David B. Armstrong, CFA

Since the S&P 500 bottomed in March 2009, there have been over 30 corrections of 5% or more.

Thirty.

The median pullback lasted about 26 days and took the market down roughly 7.6%. Some were worse. Some barely registered. But every single one of them had something in common.

They all recovered.

I want you to sit with that for a second, because right now the headlines are loud. The Iran war. Crude oil spiking past $100 a barrel. The Strait of Hormuz effectively closed. Private credit turmoil. AI disruption fears. The S&P 500 is down about 7.6% from its January high.

And if you let the news cycle drive your investment decisions, you might be tempted to do something you will regret.

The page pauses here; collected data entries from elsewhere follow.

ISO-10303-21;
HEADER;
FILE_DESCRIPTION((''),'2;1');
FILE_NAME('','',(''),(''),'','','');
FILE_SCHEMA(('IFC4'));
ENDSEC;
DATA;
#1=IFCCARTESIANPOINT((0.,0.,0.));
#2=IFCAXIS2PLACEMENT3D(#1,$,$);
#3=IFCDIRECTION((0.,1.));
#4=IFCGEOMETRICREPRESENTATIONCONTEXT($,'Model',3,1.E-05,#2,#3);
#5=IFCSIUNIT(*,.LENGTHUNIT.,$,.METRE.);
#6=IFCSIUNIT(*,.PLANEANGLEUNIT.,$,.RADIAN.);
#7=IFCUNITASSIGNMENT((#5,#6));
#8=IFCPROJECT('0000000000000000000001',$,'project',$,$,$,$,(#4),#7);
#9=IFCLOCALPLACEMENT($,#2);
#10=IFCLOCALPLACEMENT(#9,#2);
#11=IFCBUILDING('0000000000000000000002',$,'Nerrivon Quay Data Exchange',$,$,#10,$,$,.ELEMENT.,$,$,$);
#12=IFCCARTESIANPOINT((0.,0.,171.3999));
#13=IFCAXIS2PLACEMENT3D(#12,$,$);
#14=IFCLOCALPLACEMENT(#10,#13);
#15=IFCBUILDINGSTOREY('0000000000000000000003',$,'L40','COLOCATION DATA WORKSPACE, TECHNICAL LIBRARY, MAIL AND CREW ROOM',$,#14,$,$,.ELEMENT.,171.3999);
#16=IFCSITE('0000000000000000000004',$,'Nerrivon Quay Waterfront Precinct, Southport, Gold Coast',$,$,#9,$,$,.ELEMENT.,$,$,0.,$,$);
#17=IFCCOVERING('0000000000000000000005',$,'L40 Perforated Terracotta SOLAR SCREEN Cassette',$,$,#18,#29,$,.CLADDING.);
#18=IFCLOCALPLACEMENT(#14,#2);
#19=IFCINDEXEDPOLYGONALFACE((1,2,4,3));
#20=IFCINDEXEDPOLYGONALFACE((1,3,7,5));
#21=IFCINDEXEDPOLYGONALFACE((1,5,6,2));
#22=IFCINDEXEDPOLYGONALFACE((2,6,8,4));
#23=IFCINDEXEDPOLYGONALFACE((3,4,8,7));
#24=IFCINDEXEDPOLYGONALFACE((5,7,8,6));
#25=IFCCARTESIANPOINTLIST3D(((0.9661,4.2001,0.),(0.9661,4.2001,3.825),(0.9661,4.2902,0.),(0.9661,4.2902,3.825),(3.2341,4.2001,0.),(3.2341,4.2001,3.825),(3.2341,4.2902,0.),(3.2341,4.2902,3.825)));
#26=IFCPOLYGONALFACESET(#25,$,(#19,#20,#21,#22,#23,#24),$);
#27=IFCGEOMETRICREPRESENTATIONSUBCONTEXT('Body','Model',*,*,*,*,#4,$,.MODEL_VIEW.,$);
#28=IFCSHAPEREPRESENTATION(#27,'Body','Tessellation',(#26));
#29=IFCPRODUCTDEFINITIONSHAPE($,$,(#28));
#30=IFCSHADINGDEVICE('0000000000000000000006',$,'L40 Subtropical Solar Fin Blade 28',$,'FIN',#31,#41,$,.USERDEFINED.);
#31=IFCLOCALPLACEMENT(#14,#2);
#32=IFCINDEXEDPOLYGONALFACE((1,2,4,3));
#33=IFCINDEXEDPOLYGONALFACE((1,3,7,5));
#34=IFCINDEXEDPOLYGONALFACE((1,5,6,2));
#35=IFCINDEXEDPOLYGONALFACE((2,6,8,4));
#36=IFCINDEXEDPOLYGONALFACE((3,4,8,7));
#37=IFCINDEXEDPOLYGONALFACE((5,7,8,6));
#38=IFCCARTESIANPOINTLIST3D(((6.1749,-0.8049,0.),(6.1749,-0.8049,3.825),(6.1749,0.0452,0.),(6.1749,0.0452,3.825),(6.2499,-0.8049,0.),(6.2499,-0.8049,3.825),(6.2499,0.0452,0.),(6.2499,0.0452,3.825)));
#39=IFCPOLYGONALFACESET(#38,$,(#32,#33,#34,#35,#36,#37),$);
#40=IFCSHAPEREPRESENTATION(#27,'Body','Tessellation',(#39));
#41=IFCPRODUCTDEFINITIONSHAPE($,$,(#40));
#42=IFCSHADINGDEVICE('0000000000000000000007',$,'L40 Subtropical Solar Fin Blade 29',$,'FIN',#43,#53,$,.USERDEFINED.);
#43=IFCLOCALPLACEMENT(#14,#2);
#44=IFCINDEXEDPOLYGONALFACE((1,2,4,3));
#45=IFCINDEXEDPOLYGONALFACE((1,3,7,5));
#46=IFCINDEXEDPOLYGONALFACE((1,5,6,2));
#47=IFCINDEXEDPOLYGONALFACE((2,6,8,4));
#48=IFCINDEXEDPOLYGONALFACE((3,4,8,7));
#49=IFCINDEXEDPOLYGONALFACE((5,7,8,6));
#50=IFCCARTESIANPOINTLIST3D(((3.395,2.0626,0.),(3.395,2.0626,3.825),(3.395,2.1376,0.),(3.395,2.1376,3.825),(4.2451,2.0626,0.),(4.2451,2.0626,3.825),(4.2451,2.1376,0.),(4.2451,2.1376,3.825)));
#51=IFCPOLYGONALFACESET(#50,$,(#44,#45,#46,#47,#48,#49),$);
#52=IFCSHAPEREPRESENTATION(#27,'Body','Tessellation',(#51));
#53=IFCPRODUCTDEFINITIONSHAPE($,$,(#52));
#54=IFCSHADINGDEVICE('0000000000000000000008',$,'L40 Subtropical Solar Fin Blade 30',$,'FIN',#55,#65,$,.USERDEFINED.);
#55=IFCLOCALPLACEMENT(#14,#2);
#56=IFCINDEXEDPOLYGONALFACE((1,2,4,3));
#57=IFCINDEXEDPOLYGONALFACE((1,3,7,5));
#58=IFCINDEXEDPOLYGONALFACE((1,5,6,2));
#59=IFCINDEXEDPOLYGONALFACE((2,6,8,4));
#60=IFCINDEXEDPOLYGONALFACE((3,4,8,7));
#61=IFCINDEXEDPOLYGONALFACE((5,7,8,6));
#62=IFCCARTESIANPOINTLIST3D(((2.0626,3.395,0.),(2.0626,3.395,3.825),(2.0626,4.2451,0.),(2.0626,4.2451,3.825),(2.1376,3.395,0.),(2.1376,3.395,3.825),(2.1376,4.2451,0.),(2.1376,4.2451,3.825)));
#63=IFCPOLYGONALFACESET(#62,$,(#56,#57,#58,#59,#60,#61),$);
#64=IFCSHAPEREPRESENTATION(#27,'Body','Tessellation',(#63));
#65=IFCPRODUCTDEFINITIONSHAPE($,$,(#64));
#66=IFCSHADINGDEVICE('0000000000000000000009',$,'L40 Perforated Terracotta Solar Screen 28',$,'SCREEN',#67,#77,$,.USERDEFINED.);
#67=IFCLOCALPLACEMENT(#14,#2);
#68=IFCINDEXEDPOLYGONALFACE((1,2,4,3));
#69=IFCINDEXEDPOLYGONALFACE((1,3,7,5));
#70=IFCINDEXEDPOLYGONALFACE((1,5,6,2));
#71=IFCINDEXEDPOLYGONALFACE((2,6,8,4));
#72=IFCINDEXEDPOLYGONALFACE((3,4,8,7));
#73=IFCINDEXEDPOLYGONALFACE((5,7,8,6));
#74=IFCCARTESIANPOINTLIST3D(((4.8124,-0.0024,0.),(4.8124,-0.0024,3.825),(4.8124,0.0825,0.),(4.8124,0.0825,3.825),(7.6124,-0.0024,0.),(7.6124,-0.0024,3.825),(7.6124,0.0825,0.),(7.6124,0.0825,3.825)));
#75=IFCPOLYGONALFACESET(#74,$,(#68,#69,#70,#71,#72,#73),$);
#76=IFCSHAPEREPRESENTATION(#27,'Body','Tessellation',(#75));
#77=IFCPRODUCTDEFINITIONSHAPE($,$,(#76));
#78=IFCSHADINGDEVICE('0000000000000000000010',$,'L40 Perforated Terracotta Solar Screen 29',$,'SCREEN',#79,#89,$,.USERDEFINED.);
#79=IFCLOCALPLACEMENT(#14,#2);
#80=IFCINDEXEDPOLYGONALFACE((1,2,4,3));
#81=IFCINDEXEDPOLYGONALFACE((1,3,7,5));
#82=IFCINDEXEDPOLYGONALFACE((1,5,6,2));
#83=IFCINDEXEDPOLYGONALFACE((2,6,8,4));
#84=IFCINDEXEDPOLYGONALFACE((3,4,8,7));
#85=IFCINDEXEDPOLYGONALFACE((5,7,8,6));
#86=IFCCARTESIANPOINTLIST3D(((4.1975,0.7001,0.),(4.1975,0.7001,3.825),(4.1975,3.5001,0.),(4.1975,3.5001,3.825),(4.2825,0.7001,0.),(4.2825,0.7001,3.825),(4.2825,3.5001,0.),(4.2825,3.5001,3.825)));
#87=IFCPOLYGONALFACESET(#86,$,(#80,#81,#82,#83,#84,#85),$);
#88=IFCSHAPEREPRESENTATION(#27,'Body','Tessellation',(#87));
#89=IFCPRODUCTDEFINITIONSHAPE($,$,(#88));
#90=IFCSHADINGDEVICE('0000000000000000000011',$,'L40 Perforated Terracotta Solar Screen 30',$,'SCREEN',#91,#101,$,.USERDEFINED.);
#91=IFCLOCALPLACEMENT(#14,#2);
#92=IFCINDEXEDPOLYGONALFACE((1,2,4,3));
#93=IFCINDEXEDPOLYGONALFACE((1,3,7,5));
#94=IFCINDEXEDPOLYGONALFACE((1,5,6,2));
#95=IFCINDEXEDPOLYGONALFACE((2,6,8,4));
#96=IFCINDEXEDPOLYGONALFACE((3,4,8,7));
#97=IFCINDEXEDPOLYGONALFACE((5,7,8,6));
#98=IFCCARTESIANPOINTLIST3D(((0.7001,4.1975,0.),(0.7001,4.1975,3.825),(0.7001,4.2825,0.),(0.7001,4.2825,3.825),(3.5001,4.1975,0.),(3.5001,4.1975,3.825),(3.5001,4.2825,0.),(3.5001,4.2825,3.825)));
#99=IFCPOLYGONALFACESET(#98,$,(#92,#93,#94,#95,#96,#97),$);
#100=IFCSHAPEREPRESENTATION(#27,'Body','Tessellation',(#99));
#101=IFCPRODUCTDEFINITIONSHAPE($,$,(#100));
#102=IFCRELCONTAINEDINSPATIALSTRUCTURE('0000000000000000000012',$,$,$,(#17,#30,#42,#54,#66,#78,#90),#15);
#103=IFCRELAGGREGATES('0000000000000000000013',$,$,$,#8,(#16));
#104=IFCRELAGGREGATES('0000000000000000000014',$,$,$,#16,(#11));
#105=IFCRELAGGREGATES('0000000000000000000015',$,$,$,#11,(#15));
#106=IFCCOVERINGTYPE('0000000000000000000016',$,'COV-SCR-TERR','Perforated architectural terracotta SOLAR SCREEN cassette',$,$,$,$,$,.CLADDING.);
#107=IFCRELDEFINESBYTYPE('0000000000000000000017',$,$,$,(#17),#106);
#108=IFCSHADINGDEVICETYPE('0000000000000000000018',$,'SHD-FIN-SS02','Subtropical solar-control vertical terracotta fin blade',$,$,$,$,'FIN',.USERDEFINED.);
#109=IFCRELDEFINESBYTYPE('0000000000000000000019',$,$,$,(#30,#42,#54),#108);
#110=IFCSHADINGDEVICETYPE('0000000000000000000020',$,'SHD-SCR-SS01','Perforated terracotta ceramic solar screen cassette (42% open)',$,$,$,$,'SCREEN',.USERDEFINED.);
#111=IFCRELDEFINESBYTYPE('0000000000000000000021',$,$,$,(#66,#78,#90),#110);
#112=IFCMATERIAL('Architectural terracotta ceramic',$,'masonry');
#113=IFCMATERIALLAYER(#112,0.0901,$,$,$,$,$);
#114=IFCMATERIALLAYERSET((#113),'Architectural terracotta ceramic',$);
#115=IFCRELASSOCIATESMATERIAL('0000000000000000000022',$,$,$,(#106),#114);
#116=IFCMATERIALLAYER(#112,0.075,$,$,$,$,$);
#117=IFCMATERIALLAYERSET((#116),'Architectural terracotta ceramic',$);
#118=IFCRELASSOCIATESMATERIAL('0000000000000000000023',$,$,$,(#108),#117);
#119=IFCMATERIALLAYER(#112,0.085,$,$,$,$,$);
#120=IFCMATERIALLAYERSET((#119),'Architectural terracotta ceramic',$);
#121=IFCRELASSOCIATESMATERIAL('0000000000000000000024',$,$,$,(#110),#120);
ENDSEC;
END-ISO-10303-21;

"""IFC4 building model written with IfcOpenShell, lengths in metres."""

from ifc_helpers import new_model, si_unit, direction, frame, origin, origin_2d, place, context, subcontext, project, spatial, rectangle, extrude, material, layer, layer_set, type_object, element, save


model = new_model("IFC4")

# Units and contexts
model_context = context("Model", 3, precision=1e-05, world=origin(), true_north=direction((0.0, 1.0)))
body_context = subcontext(model_context, "Body", "Model", "MODEL_VIEW")
ifc_project = project(units=[si_unit("LENGTHUNIT", "METRE"), si_unit("PLANEANGLEUNIT", "RADIAN")], contexts=[model_context])

# Site, building, storey
site_placement = place(None, origin())
site = spatial("IfcSite", under=ifc_project, at=site_placement, Name="Nerrivon Quay Waterfront Precinct, Southport, Gold Coast", CompositionType="ELEMENT", RefElevation=0.0)
building_placement = place(site_placement, origin())
building = spatial("IfcBuilding", under=site, at=building_placement, Name="Nerrivon Quay Data Exchange", CompositionType="ELEMENT")
storey_placement = place(building_placement, frame((0.0, 0.0, 171.3999)))
storey = spatial("IfcBuildingStorey", under=building, at=storey_placement, Name="L40", Description="COLOCATION DATA WORKSPACE, TECHNICAL LIBRARY, MAIL AND CREW ROOM", CompositionType="ELEMENT", Elevation=171.3999)

# Covering
ifc_material_1 = material(Name="Architectural terracotta ceramic", Category="masonry")
ifc_layer_1 = layer(ifc_material_1, 0.0901)
ifc_layer_set_1 = layer_set([ifc_layer_1], Name="Architectural terracotta ceramic")
covering_type = type_object("IfcCoveringType", Name="COV-SCR-TERR", Description="Perforated architectural terracotta SOLAR SCREEN cassette", PredefinedType="CLADDING", material=ifc_layer_set_1)
for number, where, z_axis, x_axis, name in (
    (1, (2.1001, 4.2451, 0.0), (0.0, 0.0, 1.0), (-1.0, 0.0, 0.0), "L40 Perforated Terracotta SOLAR SCREEN Cassette"),
):
    element("IfcCovering", number, at=place(storey_placement, frame(where, z_axis=z_axis, x_axis=x_axis)), inside=storey, type_object=covering_type, Name=name, PredefinedType="CLADDING", context=body_context, shape_type="SweptSolid", body=[
        extrude(rectangle(XDim=2.2681, YDim=0.0901, at=origin_2d()), origin(), (0.0, 0.0, 1.0), 3.825),
    ])

# Shading devices
ifc_layer_2 = layer(ifc_material_1, 0.075)
ifc_layer_set_2 = layer_set([ifc_layer_2], Name="Architectural terracotta ceramic")
shading_device_type_1 = type_object("IfcShadingDeviceType", Name="SHD-FIN-SS02", Description="Subtropical solar-control vertical terracotta fin blade", ElementType="FIN", PredefinedType="USERDEFINED", material=ifc_layer_set_2)
for number, where, z_axis, x_axis, name in (
    (2, (6.2124, -0.3799, 0.0), (0.0, 0.0, 1.0), (-1.0, 0.0, 0.0), "L40 Subtropical Solar Fin Blade 28"),
    (3, (3.8201, 2.1001, 0.0), (0.0, 0.0, 1.0), (0.0, 1.0, 0.0), "L40 Subtropical Solar Fin Blade 29"),
    (4, (2.1001, 3.8201, 0.0), (0.0, 0.0, 1.0), (-1.0, 0.0, 0.0), "L40 Subtropical Solar Fin Blade 30"),
):
    element("IfcShadingDevice", number, at=place(storey_placement, frame(where, z_axis=z_axis, x_axis=x_axis)), inside=storey, type_object=shading_device_type_1, Name=name, ObjectType="FIN", PredefinedType="USERDEFINED", context=body_context, shape_type="SweptSolid", body=[
        extrude(rectangle(XDim=0.075, YDim=0.8501, at=origin_2d()), origin(), (0.0, 0.0, 1.0), 3.825),
    ])
ifc_layer_3 = layer(ifc_material_1, 0.085)
ifc_layer_set_3 = layer_set([ifc_layer_3], Name="Architectural terracotta ceramic")
shading_device_type_2 = type_object("IfcShadingDeviceType", Name="SHD-SCR-SS01", Description="Perforated terracotta ceramic solar screen cassette (42% open)", ElementType="SCREEN", PredefinedType="USERDEFINED", material=ifc_layer_set_3)
for number, where, z_axis, x_axis, name in (
    (5, (6.2124, 0.04, 0.0), (0.0, 0.0, 1.0), (-1.0, 0.0, 0.0), "L40 Perforated Terracotta Solar Screen 28"),
    (6, (4.24, 2.1001, 0.0), (0.0, 0.0, 1.0), (0.0, 1.0, 0.0), "L40 Perforated Terracotta Solar Screen 29"),
    (7, (2.1001, 4.24, 0.0), (0.0, 0.0, 1.0), (-1.0, 0.0, 0.0), "L40 Perforated Terracotta Solar Screen 30"),
):
    element("IfcShadingDevice", number, at=place(storey_placement, frame(where, z_axis=z_axis, x_axis=x_axis)), inside=storey, type_object=shading_device_type_2, Name=name, ObjectType="SCREEN", PredefinedType="USERDEFINED", context=body_context, shape_type="SweptSolid", body=[
        extrude(rectangle(XDim=2.8, YDim=0.085, at=origin_2d()), origin(), (0.0, 0.0, 1.0), 3.825),
    ])

save(model, "model.ifc")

The Fear Factory Never Shuts Down

Here is what makes this data so powerful. Look at the reasons the market sold off each time. Every correction had its own terrifying narrative. Every single one felt like “this time is different.”

S&P 500 Corrections greater than 5% since March 2009 Low
S&P 500 Corrections greater than 5% since March 2009 Low

In 2010, Europe’s sovereign debt crisis was spiraling and the “Flash Crash” wiped nearly 1,000 points off the Dow in minutes. People thought the financial system was breaking again, barely a year after the Great Recession ended. The S&P 500 fell over 17% in 66 days.

It recovered.

In 2011, Europe’s debt crisis deepened, and then the U.S. lost its AAA credit rating for the first time in history. The S&P 500 fell nearly 22%. Everyone was convinced the global financial system was going to crack for good.

It recovered.

The fiscal cliff in 2012. The Fed taper tantrum in 2013. Ebola and global growth fears in 2014. Greece defaulting and the China stock crash in 2015.

All eventually recovered.

In 2018, we had rising rates, a China slowdown, and escalating trade war fears. The market dropped over 20% from September to December. By mid-2019, it was at new highs.

So, yeah, it recovered.

In 2020, a global pandemic shut down the entire world economy. The S&P 500 dropped 35% in about a month. Thirty-five percent. People were convinced we were heading into a depression.

Not only did the market recover, it hit new highs within five months.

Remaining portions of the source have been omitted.